I have to admit I like the idea of us talking about wrestlers themselves in this sub, there is a lot of lolcows in wrestling. Would Jim Cornette be classified a lolcow? I love the guy but he spergs like a mother fucker


----------



## XYZpdq (Mar 20, 2017)

yawning sneasel said:


> I have to admit I like the idea of us talking about wrestlers themselves in this sub, there is a lot of lolcows in wrestling. Would Jim Cornette be classified a lolcow? I love the guy but he spergs like a mother fucker


If wrestling had arms he would scream about what color they are


----------



## Feline Darkmage (Mar 20, 2017)

Billy Who?


----------



## Flowers For Sonichu (Mar 20, 2017)

Beefing with Konnan 



Spoiler


----------



## r00 (Mar 20, 2017)

yawning sneasel said:


> I have to admit I like the idea of us talking about wrestlers themselves in this sub, there is a lot of lolcows in wrestling. Would Jim Cornette be classified a lolcow? I love the guy but he spergs like a mother fucker



Jim Cornette is 100% a lolcow. He is perpetually trapped in the past, unable to self reflect and move on, and he chimps out at the slightest provocation for decades at a time. His meltdowns over trump were so hilarious. At this point, he offers nothing but autistic factoids and impotent sperging.


----------



## XYZpdq (Mar 21, 2017)

r00 said:


> His meltdowns over trump were so hilarious.

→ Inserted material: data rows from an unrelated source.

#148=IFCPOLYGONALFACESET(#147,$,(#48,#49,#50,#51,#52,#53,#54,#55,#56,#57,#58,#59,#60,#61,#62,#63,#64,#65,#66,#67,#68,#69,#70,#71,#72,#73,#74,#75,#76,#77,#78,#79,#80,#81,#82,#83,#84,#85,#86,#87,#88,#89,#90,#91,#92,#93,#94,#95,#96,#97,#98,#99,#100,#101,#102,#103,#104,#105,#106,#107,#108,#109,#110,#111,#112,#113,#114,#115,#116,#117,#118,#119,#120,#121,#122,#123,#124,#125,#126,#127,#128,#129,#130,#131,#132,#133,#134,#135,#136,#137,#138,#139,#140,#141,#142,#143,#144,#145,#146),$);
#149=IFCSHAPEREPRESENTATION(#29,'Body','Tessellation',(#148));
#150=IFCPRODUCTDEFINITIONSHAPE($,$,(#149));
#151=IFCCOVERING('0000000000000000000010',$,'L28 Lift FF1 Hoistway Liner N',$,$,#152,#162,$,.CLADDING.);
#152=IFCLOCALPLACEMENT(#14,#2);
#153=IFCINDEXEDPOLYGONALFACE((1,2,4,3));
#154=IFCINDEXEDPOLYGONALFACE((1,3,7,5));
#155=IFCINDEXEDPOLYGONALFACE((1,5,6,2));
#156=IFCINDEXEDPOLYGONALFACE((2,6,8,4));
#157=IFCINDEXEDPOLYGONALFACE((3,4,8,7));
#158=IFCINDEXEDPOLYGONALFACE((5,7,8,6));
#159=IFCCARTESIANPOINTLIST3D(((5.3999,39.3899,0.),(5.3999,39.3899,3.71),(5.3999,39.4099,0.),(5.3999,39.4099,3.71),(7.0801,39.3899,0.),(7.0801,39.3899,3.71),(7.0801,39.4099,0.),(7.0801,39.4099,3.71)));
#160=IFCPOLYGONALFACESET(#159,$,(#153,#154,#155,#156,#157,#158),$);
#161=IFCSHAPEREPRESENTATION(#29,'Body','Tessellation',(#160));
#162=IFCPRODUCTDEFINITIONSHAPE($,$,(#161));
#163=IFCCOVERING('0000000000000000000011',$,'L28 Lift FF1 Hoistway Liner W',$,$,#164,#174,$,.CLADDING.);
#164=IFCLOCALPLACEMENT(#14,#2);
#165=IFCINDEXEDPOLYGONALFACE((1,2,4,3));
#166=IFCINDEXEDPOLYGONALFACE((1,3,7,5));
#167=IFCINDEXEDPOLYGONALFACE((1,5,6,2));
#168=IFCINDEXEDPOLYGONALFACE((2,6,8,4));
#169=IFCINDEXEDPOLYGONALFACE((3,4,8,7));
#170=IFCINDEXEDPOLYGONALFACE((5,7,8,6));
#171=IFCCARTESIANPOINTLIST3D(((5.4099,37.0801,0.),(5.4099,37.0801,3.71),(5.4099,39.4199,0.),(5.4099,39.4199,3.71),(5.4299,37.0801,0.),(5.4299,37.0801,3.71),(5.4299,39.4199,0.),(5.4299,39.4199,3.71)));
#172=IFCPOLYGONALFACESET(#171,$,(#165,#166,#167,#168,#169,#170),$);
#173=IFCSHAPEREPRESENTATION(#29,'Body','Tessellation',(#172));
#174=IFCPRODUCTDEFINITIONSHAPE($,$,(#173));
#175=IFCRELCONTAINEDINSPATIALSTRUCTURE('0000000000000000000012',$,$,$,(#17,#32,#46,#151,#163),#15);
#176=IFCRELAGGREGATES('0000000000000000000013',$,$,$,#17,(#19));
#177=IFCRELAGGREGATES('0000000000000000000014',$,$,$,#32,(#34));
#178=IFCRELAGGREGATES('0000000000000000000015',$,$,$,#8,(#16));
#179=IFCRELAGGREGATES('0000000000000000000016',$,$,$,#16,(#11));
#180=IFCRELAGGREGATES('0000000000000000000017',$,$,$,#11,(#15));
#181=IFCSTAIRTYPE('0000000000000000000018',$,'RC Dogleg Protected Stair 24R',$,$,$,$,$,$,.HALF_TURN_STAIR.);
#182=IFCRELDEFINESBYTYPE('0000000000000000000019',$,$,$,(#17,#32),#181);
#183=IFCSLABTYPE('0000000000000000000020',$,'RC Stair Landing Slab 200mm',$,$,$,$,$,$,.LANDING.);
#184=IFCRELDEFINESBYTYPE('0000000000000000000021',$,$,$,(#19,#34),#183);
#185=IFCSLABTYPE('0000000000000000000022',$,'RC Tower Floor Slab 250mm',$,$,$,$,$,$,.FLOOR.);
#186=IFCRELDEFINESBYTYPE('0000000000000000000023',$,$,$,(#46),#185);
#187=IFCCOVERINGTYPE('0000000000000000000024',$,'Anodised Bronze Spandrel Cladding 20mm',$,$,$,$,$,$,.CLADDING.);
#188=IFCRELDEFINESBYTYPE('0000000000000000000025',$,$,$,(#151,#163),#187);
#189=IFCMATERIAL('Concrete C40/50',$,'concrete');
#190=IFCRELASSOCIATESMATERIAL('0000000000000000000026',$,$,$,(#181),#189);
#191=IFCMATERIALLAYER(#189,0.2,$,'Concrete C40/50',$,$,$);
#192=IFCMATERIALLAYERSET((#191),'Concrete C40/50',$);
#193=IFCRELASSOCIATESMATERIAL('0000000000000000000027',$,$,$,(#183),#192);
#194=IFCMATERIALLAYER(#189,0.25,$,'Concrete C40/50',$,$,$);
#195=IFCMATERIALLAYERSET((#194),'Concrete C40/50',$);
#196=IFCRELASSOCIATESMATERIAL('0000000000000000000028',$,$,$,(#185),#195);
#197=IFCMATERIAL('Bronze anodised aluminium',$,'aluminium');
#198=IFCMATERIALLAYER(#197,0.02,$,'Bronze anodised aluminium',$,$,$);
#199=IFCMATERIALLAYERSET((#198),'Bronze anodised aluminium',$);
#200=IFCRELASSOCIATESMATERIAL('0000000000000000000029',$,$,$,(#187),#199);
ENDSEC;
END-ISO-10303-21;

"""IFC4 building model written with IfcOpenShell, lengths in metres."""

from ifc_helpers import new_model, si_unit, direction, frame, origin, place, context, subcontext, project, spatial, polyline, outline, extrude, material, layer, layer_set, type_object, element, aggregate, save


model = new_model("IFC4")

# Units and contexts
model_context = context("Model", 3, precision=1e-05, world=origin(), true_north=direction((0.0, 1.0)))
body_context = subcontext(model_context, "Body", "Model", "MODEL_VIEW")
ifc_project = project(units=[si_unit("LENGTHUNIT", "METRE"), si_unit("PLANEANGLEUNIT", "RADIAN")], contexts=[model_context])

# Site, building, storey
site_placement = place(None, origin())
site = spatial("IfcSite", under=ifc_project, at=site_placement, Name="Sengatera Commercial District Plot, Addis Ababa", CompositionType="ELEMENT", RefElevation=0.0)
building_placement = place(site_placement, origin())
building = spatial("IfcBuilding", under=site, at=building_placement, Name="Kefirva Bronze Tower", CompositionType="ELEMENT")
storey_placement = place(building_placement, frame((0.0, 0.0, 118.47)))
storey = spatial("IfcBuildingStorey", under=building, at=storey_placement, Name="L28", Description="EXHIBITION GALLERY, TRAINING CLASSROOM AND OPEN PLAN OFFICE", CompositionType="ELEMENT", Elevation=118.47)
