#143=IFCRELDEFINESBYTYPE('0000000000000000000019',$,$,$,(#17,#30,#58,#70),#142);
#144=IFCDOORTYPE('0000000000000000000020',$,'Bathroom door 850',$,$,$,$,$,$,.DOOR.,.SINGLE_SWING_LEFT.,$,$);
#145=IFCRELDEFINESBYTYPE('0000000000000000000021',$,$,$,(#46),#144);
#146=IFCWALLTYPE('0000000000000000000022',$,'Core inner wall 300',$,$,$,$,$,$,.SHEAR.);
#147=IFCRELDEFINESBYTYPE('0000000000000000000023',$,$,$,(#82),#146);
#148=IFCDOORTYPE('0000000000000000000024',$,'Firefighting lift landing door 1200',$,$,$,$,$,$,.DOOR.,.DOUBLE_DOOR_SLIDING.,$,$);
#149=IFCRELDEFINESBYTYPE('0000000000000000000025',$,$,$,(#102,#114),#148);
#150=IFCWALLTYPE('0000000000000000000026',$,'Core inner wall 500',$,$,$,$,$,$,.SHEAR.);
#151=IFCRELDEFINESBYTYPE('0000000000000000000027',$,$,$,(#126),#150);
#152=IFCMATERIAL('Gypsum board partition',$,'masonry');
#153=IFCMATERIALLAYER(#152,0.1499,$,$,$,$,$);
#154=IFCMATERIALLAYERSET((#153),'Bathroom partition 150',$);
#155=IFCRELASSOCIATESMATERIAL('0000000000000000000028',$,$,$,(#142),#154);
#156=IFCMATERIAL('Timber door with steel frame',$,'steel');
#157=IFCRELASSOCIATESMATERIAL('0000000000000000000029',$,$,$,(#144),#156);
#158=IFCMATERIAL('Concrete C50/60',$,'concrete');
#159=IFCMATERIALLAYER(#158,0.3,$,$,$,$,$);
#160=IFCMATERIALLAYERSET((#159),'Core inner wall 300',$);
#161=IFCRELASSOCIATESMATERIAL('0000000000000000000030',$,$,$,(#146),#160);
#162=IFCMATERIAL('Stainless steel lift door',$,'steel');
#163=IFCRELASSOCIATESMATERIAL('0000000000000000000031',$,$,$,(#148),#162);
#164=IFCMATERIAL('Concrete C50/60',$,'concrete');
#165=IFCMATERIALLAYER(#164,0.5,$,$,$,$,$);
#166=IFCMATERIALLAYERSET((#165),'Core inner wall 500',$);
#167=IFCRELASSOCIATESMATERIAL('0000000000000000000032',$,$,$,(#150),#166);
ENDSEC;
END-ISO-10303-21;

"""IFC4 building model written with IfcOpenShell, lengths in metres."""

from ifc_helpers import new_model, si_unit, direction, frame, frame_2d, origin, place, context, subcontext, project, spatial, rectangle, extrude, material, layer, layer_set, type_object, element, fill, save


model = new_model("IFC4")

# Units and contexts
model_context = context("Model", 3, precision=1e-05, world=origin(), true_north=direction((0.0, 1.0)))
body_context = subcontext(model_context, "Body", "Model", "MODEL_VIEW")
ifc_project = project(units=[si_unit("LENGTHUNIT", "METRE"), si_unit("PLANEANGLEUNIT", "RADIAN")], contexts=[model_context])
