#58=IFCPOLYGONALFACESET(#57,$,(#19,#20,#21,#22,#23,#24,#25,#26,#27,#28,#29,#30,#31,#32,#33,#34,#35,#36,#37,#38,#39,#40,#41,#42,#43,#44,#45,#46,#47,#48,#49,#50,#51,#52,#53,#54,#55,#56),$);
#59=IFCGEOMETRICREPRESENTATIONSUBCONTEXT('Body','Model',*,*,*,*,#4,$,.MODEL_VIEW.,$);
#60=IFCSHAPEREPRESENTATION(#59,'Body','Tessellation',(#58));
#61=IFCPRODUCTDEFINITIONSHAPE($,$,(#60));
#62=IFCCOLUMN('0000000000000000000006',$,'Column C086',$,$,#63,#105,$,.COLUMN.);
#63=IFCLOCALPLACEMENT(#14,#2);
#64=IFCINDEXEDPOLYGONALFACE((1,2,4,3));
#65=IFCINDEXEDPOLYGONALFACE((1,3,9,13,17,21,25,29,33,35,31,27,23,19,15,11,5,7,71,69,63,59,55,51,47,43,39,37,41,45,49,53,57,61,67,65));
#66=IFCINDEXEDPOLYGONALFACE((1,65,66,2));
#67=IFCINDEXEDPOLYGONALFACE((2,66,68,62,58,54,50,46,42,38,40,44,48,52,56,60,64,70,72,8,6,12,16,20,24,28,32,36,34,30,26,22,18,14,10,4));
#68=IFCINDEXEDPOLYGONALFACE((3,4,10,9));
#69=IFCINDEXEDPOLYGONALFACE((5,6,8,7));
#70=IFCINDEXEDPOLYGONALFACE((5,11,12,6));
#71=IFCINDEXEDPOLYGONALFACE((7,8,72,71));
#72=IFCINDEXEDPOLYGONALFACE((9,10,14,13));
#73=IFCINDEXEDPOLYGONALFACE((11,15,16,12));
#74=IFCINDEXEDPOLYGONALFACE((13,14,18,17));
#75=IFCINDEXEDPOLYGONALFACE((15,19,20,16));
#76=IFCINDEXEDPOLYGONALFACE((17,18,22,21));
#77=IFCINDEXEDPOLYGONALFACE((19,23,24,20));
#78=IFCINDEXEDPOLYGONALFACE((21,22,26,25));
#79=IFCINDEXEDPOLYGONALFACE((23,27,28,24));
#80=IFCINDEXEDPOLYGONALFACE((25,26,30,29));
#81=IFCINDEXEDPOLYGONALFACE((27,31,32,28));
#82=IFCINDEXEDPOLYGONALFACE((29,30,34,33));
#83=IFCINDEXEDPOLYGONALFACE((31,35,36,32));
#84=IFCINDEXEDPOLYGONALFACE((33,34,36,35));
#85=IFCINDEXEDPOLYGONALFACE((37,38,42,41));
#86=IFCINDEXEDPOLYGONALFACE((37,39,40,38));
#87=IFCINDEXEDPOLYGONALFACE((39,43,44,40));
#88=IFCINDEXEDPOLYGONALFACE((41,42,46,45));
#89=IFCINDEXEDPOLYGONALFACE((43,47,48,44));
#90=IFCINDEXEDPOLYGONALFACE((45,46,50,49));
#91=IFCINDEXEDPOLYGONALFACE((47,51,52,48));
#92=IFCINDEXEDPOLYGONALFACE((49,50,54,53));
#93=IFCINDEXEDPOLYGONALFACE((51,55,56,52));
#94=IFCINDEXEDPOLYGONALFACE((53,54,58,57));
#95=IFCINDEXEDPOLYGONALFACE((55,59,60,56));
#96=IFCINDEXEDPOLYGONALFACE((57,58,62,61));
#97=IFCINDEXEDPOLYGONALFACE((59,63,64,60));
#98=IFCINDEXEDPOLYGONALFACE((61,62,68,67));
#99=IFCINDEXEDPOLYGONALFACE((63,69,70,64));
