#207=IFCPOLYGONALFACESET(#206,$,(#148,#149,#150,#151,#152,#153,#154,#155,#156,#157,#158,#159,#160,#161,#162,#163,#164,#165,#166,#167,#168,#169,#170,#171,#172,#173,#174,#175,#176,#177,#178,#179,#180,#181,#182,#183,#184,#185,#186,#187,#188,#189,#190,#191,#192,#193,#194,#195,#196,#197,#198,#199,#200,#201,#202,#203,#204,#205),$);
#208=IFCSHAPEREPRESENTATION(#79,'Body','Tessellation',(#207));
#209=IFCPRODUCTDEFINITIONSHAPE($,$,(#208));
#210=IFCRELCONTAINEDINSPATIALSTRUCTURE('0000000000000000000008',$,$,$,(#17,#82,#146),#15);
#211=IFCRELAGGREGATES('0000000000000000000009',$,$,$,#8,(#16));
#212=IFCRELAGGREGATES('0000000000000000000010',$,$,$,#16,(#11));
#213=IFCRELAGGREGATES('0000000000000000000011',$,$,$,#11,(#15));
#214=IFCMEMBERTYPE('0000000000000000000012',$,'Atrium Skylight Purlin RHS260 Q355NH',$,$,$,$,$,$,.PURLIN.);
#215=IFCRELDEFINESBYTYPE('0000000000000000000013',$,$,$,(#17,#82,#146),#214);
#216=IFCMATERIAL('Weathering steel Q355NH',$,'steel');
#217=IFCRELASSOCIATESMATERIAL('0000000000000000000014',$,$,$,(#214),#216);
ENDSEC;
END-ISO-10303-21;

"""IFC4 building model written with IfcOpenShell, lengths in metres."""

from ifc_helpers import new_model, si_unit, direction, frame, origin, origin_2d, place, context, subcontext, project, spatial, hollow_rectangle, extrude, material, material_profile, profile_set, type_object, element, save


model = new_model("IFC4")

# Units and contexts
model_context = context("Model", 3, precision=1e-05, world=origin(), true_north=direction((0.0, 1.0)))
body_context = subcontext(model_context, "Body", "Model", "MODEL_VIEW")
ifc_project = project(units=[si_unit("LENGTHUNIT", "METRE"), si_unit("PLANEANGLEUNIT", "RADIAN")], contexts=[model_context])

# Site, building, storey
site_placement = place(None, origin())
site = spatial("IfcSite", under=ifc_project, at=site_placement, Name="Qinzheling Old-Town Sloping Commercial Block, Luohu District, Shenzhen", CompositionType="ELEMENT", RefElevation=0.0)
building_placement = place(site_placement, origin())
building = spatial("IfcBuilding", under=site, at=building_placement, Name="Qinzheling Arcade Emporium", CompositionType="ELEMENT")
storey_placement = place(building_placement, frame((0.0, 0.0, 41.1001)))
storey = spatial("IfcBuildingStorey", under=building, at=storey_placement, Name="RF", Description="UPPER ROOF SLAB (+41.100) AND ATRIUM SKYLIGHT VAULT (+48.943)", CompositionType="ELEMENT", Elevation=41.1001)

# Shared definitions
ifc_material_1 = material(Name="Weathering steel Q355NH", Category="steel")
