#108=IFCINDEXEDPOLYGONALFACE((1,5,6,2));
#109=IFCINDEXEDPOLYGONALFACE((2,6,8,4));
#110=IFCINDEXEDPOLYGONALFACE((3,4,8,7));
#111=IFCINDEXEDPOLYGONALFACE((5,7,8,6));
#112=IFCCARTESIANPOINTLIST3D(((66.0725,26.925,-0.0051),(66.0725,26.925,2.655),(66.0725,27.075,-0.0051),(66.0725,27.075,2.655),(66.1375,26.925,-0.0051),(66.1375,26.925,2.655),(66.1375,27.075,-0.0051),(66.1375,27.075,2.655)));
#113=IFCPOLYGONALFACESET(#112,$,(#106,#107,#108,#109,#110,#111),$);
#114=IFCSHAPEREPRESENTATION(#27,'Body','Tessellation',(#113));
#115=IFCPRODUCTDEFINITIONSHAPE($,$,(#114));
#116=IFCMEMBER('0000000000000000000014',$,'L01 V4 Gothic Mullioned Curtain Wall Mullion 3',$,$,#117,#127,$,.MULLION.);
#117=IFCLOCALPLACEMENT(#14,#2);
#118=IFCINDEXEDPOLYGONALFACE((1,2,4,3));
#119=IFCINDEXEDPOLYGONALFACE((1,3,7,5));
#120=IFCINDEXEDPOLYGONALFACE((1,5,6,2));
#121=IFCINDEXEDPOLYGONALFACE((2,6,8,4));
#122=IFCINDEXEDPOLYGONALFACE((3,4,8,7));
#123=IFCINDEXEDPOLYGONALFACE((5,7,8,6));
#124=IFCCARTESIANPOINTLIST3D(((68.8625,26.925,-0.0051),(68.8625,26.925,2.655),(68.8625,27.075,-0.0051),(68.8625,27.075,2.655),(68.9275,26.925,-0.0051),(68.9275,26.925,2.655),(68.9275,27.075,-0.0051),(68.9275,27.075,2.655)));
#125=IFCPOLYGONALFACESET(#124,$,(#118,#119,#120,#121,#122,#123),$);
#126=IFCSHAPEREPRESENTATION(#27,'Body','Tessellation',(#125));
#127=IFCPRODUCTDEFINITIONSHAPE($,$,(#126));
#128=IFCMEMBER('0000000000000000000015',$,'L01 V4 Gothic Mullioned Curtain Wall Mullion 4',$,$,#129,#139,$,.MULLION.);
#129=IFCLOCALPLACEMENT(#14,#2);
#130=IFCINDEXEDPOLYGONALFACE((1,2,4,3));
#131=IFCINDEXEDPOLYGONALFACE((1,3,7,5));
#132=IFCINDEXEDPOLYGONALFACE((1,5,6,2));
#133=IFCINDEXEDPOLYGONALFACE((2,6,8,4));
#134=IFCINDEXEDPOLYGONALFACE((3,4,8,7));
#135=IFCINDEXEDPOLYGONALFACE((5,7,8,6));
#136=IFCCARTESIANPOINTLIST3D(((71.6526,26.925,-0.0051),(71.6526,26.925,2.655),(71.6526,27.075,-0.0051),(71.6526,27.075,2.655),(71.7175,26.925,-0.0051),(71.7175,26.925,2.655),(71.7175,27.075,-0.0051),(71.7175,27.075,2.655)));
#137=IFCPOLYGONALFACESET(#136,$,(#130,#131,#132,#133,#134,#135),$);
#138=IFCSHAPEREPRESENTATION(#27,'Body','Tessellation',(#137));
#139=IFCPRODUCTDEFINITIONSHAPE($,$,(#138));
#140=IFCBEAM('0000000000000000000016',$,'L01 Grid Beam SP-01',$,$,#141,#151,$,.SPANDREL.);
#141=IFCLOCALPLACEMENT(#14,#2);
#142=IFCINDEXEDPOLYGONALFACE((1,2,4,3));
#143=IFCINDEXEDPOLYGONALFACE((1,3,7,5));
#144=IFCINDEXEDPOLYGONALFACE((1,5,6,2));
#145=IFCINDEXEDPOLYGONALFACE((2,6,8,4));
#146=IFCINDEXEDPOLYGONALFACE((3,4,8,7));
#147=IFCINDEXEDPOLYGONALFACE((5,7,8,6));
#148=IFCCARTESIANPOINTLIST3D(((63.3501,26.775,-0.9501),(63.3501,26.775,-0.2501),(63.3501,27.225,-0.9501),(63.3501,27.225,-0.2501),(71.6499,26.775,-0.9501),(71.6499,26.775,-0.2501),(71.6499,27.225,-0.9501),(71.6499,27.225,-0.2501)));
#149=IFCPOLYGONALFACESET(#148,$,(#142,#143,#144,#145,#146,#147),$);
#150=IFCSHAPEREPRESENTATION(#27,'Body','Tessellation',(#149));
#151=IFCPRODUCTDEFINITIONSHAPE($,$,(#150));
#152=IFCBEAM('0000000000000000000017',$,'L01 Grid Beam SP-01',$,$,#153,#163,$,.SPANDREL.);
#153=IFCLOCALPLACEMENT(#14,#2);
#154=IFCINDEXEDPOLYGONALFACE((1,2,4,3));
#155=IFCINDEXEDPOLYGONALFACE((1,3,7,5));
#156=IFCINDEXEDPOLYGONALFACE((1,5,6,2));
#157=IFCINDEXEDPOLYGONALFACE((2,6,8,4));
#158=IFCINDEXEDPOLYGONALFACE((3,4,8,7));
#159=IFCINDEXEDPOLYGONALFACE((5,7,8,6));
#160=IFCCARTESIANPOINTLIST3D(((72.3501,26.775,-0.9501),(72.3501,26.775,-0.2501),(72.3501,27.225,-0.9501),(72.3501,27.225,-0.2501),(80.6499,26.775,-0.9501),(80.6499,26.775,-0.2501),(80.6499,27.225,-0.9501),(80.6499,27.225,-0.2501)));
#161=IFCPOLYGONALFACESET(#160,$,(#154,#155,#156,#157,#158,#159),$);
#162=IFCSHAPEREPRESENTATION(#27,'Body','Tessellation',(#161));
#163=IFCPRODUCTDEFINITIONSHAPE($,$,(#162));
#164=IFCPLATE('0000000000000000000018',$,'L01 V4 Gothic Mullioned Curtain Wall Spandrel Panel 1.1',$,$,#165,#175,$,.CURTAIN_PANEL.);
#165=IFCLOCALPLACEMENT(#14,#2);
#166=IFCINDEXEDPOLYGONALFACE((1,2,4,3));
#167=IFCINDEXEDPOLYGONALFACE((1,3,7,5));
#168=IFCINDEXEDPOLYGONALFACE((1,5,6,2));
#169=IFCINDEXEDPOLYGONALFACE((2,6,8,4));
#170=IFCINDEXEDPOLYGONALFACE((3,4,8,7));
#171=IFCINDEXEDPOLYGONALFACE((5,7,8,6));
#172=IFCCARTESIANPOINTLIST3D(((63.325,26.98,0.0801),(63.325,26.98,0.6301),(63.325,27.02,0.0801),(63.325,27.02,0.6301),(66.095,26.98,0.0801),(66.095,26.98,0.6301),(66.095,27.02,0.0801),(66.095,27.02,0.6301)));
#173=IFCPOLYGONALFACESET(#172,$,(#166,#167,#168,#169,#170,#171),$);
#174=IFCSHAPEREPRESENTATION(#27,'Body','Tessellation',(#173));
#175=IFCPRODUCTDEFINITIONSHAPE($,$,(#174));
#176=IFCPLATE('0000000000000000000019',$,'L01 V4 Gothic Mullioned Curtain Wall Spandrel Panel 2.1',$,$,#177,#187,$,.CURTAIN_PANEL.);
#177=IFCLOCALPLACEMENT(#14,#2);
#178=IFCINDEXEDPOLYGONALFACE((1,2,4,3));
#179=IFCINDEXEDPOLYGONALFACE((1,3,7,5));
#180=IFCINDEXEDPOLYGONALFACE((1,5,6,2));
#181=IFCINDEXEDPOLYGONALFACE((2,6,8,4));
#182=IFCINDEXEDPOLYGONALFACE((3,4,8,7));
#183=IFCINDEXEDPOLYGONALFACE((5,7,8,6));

Oh I didn't even think of that lol. Got any worth tossing in the Trump Salt thread?


----------



## Darwin Watterson (May 1, 2017)

I was considering starting a thread on Alberto Del Rio, who seems to be on a downward spiral and constantly tries to start shit with WWE.


----------



## Boss HM-2 (May 6, 2017)

Tammy "Sunny" Sytch would be another great candidate for a thread. She cucked her wrestler husband by fucking a bunch of other wrestlers, most notably Shawn Michaels during his 90's "cokehead jackass" era and this continued right up to her husband's death.

She's spent the last fifteen years or so since her husband died camwhoring, getting into slapfights on facebook/twitter with other wrestlers/fans, and getting arrested pretty often (usually for alcohol related shit) and sent to expensive rehab facilities on the WWE's dime just as much, where (if the place has internet access) she'll inevitably complain about how the place is total dogshit.


----------



## Flowers For Sonichu (May 6, 2017)

Boss HM-2 said:


> Tammy "Sunny" Sytch would be another great candidate for a thread. She cucked her wrestler husband by fucking a bunch of other wrestlers, most notably Shawn Michaels during his 90's "cokehead jackass" era and this continued right up to her husband's death.
> 
> She's spent the last fifteen years or so since her husband died camwhoring, getting into slapfights on facebook/twitter with other wrestlers/fans, and getting arrested pretty often (usually for alcohol related shit) and sent to expensive rehab facilities on the WWE's dime just as much, where (if the place has internet access) she'll inevitably complain about how the place is total dogshit.


she got arrested five times in two weeks for choking her boyfriend


----------



## AnOminous (May 6, 2017)

Flowers For Sonichu said:


> she got arrested five times in two weeks for choking her boyfriend



After like the third or fourth time, wouldn't you say okay that time was enough and end it?


----------